Regulus breaks through the water with a harsh inhale of air, shaking his soaking wet curls out of his eyes and landing James with a deadly glare almost instantly, “James Fleamont Potter. You fucking asshole. Come here!” Regulus scolds, immediately swiping to jump on James and push him under the water, yet James responds with his Chaser reflexes of avoiding bludgers, avoiding him skilfully.

 

“Catch me if you can!” James sing-songs tauntingly, and so they play a game of cat-and-mouse, swimming lazily through the lake at what’s got to be 1am by now, splashing and laughing boyishly like they wouldn’t be facing detentions for the rest of the year if they were caught.
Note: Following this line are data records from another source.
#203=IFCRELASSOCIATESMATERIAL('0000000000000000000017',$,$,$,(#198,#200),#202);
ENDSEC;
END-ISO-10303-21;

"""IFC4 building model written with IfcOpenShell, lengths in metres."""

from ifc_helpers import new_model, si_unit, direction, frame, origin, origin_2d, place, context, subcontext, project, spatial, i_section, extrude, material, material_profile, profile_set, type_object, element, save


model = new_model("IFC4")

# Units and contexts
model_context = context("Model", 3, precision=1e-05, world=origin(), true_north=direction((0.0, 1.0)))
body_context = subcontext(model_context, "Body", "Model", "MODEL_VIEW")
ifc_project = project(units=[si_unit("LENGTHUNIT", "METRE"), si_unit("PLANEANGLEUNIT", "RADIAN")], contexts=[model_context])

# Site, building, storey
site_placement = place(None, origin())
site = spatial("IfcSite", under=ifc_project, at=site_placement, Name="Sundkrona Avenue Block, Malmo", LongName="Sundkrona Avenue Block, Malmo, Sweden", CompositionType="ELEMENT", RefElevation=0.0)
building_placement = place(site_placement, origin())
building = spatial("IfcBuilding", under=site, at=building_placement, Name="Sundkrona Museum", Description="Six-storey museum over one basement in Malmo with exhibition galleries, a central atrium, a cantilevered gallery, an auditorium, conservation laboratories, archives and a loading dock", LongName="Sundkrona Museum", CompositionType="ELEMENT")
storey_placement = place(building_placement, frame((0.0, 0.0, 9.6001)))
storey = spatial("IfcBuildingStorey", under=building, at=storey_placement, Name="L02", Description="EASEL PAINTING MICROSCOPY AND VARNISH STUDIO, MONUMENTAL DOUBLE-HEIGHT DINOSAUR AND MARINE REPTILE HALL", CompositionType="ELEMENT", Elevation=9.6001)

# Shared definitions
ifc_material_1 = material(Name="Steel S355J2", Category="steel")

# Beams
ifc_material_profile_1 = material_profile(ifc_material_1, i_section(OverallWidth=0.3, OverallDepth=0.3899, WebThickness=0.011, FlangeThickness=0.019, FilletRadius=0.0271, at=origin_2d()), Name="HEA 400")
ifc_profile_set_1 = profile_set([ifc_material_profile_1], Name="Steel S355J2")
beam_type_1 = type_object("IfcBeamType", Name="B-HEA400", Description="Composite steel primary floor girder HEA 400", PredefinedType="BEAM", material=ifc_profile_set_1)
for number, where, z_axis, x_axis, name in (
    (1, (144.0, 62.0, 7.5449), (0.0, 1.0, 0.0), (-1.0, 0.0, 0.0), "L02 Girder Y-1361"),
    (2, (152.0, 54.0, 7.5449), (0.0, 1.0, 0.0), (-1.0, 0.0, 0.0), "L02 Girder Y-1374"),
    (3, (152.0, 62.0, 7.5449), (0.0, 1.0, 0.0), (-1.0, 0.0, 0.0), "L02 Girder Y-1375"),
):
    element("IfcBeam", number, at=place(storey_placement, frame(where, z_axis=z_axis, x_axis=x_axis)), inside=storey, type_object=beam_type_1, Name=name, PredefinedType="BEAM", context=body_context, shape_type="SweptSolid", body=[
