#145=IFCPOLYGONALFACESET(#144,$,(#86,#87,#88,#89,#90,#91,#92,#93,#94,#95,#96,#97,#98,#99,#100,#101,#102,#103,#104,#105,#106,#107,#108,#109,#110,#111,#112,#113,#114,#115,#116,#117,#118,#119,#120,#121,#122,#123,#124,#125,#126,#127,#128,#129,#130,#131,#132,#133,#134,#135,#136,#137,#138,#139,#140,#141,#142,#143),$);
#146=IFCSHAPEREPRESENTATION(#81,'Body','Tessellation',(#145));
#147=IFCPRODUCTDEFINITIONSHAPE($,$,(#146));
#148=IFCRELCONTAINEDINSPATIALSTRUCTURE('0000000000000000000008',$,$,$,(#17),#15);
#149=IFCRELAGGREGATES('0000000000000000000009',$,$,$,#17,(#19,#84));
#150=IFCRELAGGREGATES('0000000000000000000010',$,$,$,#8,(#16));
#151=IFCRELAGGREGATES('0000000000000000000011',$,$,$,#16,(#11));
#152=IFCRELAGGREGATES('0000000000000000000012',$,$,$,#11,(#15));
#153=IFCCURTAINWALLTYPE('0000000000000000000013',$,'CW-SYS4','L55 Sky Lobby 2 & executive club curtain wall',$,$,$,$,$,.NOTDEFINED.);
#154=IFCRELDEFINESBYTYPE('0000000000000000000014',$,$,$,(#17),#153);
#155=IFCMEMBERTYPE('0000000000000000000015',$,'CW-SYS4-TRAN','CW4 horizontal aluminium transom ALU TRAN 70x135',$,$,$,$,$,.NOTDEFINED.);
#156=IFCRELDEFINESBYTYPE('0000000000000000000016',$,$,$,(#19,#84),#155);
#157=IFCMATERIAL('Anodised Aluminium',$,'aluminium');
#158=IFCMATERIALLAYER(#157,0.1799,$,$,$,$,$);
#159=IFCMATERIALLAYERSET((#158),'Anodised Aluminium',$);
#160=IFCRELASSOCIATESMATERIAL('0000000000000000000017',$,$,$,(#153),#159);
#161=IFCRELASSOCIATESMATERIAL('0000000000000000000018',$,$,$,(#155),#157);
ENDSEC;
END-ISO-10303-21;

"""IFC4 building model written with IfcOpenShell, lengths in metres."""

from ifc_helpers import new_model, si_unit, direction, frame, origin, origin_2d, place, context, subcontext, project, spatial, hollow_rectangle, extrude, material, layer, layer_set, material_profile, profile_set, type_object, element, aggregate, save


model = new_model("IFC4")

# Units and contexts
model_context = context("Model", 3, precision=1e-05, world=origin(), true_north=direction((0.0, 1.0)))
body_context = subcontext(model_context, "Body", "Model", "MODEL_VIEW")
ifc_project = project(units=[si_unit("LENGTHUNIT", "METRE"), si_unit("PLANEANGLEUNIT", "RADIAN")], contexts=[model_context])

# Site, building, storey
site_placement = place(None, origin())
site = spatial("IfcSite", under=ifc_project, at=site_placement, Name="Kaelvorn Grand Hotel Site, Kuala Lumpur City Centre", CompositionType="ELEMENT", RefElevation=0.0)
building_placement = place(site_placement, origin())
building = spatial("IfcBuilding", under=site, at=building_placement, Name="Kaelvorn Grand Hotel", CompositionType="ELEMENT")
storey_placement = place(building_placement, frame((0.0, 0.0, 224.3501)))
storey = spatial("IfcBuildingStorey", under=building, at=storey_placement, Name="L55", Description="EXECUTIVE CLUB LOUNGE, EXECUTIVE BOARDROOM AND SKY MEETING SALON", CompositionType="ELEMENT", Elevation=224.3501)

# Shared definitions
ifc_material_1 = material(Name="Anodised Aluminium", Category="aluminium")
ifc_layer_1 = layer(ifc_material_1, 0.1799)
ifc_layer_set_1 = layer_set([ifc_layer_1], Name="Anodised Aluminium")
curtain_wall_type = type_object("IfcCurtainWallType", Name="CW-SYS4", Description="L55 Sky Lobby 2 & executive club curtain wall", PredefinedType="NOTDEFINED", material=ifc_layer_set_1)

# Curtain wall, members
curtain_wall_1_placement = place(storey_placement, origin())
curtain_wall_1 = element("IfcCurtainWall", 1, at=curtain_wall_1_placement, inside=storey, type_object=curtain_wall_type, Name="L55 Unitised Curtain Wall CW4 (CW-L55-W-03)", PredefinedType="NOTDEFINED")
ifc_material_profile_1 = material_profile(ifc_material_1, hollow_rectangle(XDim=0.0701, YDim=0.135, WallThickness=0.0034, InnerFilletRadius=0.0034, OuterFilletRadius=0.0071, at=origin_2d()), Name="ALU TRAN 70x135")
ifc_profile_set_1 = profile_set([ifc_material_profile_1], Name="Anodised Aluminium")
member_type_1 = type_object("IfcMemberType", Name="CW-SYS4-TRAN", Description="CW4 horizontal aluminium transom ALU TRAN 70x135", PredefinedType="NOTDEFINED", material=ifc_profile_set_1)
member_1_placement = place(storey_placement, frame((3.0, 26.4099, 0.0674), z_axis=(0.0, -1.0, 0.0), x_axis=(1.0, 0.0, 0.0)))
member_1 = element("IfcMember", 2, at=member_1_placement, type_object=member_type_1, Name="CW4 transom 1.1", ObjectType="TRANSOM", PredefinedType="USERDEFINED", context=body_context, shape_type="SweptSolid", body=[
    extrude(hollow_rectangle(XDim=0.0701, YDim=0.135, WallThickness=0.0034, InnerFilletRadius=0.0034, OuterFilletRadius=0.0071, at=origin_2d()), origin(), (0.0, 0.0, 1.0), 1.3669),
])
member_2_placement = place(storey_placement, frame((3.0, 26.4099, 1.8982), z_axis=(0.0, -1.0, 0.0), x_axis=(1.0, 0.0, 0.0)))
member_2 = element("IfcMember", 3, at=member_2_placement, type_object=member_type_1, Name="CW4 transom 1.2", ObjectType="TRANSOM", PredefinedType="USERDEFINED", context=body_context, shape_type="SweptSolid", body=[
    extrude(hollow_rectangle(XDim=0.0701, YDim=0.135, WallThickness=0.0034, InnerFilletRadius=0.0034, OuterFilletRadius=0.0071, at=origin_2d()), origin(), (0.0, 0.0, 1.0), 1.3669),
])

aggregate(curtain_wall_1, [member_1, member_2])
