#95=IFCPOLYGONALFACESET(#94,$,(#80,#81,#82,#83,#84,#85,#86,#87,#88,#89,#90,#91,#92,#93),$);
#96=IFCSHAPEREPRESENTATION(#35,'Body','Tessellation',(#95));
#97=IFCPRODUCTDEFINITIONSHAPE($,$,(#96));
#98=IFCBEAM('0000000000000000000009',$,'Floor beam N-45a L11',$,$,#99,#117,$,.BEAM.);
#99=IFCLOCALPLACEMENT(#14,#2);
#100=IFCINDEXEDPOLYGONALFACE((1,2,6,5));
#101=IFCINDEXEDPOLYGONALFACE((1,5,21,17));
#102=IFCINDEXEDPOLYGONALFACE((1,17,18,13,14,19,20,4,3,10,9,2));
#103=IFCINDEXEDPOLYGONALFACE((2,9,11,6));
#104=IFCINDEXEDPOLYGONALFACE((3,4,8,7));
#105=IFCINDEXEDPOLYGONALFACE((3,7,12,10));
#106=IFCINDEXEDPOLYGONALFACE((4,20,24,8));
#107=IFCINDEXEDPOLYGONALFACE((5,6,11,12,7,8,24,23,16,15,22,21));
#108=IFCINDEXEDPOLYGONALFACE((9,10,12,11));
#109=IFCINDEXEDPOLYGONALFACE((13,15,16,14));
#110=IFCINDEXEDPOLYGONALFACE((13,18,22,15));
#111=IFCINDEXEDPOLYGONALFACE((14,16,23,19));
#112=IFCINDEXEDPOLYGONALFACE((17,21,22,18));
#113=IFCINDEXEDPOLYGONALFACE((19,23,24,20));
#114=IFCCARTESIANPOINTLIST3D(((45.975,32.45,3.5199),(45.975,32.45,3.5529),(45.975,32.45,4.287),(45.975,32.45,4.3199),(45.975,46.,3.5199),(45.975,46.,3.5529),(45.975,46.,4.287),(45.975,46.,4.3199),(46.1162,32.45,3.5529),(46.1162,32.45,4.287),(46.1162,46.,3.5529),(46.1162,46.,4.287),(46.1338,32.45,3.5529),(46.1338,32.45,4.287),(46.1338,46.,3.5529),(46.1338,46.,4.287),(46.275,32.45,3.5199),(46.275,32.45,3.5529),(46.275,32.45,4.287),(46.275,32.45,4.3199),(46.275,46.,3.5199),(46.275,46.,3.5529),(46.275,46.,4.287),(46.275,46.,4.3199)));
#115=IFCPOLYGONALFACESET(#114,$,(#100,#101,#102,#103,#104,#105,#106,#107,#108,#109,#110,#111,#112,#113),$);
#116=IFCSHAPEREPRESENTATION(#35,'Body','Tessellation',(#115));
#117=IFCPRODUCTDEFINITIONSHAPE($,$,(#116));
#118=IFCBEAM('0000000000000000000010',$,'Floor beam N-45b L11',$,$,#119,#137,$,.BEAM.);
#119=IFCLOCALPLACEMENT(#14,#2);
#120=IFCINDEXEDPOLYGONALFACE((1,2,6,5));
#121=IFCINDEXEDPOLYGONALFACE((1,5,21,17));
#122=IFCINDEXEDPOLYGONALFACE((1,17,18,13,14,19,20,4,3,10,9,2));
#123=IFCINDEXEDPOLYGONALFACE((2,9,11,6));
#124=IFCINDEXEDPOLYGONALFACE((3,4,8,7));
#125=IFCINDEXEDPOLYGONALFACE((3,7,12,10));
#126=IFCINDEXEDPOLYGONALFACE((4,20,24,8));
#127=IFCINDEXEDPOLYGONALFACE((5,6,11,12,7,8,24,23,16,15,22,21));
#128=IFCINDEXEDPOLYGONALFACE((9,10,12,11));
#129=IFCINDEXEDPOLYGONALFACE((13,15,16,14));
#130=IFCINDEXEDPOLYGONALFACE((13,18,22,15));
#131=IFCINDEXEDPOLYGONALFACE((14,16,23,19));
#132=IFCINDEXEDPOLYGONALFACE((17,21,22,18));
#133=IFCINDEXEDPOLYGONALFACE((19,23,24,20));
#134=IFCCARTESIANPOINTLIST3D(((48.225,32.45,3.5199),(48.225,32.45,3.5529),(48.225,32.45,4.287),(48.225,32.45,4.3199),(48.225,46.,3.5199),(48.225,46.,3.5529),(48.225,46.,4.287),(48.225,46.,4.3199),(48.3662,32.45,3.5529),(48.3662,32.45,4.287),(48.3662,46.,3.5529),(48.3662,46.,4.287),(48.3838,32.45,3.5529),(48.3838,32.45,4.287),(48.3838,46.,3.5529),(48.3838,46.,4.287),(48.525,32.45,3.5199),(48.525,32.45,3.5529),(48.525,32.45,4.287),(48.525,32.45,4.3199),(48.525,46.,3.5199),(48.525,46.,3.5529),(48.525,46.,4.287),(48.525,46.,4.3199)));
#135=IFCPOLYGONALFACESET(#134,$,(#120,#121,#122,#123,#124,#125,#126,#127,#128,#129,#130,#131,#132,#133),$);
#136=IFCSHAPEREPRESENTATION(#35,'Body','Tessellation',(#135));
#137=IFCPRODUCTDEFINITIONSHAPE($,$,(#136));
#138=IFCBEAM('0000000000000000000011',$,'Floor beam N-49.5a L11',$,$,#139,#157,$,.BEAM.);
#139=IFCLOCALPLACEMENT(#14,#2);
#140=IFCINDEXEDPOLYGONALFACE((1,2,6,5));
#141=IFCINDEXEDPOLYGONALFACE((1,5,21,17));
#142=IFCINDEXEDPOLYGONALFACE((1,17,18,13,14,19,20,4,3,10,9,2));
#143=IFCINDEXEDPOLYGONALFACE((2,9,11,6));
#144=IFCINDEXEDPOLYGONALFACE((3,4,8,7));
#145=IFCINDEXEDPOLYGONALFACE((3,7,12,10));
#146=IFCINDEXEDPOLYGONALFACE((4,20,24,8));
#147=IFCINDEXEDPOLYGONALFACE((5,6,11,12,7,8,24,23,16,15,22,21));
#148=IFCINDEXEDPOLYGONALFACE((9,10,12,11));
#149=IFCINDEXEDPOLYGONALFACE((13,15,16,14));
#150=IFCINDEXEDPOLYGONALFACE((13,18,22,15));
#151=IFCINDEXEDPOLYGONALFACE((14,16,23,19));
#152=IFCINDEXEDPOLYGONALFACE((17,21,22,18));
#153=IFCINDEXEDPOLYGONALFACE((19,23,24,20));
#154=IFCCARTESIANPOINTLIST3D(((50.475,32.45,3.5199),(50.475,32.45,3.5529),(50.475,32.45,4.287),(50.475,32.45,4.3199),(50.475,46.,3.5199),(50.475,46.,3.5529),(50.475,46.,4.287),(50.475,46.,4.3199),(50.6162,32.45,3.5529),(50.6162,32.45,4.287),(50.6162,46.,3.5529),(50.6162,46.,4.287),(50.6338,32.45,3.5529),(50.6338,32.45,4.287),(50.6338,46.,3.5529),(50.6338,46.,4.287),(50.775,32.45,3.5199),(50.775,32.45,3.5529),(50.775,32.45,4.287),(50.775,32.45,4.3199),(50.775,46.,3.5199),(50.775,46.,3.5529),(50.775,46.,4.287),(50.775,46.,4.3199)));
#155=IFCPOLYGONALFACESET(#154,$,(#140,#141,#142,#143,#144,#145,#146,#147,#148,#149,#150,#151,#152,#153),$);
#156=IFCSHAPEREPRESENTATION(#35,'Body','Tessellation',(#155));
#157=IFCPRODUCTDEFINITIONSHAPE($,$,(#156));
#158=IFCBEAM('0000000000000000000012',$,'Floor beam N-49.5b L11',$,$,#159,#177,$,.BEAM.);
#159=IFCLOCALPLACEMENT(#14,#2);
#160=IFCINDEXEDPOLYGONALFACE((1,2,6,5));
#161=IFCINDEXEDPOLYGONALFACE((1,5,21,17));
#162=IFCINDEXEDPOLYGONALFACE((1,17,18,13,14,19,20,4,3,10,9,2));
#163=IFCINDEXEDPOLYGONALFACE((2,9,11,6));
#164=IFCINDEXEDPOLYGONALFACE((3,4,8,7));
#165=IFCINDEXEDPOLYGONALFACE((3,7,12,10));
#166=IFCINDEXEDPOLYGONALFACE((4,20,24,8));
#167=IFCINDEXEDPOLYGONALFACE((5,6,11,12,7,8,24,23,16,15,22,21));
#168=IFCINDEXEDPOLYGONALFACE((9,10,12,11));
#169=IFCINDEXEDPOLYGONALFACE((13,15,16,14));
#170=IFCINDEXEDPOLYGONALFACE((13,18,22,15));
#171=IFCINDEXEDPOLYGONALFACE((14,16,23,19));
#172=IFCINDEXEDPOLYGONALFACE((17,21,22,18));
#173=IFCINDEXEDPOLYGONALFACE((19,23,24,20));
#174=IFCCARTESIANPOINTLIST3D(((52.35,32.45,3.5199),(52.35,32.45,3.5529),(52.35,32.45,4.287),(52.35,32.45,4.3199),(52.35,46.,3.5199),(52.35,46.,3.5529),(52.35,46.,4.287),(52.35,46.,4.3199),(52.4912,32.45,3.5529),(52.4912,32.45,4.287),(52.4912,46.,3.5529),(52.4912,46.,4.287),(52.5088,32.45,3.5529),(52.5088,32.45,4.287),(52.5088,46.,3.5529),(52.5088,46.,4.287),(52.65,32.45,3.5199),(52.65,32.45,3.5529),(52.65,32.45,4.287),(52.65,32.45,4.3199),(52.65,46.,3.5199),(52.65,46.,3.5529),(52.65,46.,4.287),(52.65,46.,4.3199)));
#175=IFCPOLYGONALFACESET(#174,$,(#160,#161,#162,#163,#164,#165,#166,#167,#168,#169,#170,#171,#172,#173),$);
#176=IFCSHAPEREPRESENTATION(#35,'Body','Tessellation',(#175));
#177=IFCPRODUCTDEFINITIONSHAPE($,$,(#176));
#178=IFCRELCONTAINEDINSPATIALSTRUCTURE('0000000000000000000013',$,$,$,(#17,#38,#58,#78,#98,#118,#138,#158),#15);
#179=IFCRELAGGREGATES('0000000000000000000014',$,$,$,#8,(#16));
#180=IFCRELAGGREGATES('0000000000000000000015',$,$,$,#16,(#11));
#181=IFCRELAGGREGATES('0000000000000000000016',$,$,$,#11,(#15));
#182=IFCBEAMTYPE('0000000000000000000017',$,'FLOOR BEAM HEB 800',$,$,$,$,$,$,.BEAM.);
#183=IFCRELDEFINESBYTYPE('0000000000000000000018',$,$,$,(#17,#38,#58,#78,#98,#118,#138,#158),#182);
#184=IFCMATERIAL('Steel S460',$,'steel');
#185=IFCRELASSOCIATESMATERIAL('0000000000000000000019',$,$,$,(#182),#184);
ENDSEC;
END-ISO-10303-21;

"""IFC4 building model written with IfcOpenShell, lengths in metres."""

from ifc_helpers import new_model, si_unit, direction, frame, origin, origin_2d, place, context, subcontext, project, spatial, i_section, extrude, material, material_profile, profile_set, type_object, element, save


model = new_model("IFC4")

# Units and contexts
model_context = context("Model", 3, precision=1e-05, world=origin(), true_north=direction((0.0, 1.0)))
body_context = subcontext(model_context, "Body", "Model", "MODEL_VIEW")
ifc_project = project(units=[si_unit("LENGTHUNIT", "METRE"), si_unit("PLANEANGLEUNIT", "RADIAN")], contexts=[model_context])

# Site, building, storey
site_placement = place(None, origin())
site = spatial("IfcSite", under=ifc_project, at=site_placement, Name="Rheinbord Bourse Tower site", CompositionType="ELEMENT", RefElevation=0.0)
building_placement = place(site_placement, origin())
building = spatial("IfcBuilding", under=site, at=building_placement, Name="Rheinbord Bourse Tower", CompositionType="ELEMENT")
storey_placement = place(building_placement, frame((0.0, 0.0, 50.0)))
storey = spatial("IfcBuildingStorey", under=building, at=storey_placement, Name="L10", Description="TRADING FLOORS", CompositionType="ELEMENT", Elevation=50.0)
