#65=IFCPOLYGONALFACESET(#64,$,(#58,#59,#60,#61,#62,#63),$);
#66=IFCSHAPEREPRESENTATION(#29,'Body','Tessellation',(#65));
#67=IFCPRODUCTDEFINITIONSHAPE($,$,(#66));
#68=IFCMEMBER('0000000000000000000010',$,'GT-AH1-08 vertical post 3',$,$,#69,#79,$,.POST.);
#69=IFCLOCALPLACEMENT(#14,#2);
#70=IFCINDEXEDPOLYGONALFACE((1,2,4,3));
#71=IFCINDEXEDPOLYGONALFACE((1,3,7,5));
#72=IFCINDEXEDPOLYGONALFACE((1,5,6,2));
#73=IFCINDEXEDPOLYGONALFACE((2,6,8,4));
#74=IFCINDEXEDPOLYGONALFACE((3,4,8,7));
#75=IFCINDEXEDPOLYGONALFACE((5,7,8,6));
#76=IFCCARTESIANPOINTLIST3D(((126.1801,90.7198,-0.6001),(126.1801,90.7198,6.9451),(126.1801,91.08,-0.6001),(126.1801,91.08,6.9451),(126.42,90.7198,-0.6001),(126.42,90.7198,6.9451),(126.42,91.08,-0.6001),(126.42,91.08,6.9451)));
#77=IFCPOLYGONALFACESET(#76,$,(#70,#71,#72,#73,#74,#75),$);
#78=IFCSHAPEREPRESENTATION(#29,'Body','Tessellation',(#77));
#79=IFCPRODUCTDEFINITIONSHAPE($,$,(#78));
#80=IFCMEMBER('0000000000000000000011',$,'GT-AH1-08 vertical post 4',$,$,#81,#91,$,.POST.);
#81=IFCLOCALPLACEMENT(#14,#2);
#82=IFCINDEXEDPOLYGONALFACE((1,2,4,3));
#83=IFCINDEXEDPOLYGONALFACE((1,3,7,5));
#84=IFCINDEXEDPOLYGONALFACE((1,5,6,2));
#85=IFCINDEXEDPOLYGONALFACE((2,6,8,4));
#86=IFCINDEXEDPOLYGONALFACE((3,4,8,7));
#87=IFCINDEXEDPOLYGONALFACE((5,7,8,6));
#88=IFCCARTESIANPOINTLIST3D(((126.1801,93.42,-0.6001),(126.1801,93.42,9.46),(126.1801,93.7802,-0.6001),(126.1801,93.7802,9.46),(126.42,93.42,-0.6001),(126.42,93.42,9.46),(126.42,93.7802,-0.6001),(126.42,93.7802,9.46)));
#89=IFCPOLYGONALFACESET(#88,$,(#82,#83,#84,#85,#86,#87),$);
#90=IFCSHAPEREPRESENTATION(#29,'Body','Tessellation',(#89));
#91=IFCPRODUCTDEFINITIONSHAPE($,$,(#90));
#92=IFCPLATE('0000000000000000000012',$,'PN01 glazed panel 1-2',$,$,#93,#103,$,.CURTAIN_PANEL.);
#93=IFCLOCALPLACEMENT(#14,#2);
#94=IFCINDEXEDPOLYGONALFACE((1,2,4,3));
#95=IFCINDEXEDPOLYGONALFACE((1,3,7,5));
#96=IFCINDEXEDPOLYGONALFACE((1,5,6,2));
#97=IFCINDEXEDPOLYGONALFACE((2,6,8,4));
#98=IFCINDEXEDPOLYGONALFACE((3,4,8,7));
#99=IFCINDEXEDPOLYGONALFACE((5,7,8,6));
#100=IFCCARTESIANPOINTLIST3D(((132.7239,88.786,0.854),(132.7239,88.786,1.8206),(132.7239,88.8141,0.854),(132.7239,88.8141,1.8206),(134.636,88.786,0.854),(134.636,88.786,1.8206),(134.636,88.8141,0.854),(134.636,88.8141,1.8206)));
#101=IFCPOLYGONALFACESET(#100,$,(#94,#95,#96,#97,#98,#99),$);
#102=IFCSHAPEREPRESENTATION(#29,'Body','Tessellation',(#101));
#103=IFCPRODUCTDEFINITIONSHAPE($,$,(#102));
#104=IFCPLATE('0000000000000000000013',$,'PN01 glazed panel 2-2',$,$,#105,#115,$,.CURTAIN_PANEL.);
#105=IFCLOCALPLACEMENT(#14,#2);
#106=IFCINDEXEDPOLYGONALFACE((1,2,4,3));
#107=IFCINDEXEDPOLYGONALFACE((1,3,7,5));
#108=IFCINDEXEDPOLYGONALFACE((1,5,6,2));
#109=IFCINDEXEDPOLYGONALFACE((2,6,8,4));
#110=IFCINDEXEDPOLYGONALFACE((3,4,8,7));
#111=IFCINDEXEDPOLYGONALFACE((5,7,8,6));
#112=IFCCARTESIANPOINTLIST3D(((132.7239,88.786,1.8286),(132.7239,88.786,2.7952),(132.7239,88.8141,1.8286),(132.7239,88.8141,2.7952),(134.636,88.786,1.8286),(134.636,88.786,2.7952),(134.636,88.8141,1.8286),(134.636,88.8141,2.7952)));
Instead, they just exist.

 

And when Regulus finally catches him, instead of drowning James like he intended to, he pulls him into a searing, bruising kiss, which makes James think, oh, I should’ve let him catch me sooner.

 

They don’t go in for a while.

 

────── ⋆⋅☆⋅⋆ ──────

 

When they finally get back to Gryffindor tower, because James decided for Regulus that he would undoubtedly be in James’ arms tonight, in his hoodie and his bed, they’re soaked. And sure, they could’ve used a drying spell, but where’s the authenticity in that?

 

What they don’t expect to find in the common room, however, is the remaining three Marauders, scolding James for not returning to the meeting point secondly, but firstly hammering into James for what is Regulus doing here!? You’re dripping all over our carpets! (like they owned them, possessive gits.)

 

What they sort of do expect, when the pair tells Sirius about their newfound mutual attraction, is the certain huff of exaggerated dramatics, Sirius wailing all whilst being clad in a dressing robe, a wand threaded through his long hair in a bun, and holding a warm cup of tea to his chest (where did he even get that?) like he’s just experienced the worst betrayal of his life.

 

And the final thing they don’t expect, is after all three Marauders go to bed, now peacefully aware that James is alive, because that’s what’s most important to them, is when James and Regulus share a tender is kiss in the common room, they break apart to slow clapping in the corner of the room.

 

And the kid that stays in the corner, looking entirely too smug with himself as he sips hot chocolate?

 

Jared.

Notes:

not my best work but i adore it nonetheless!!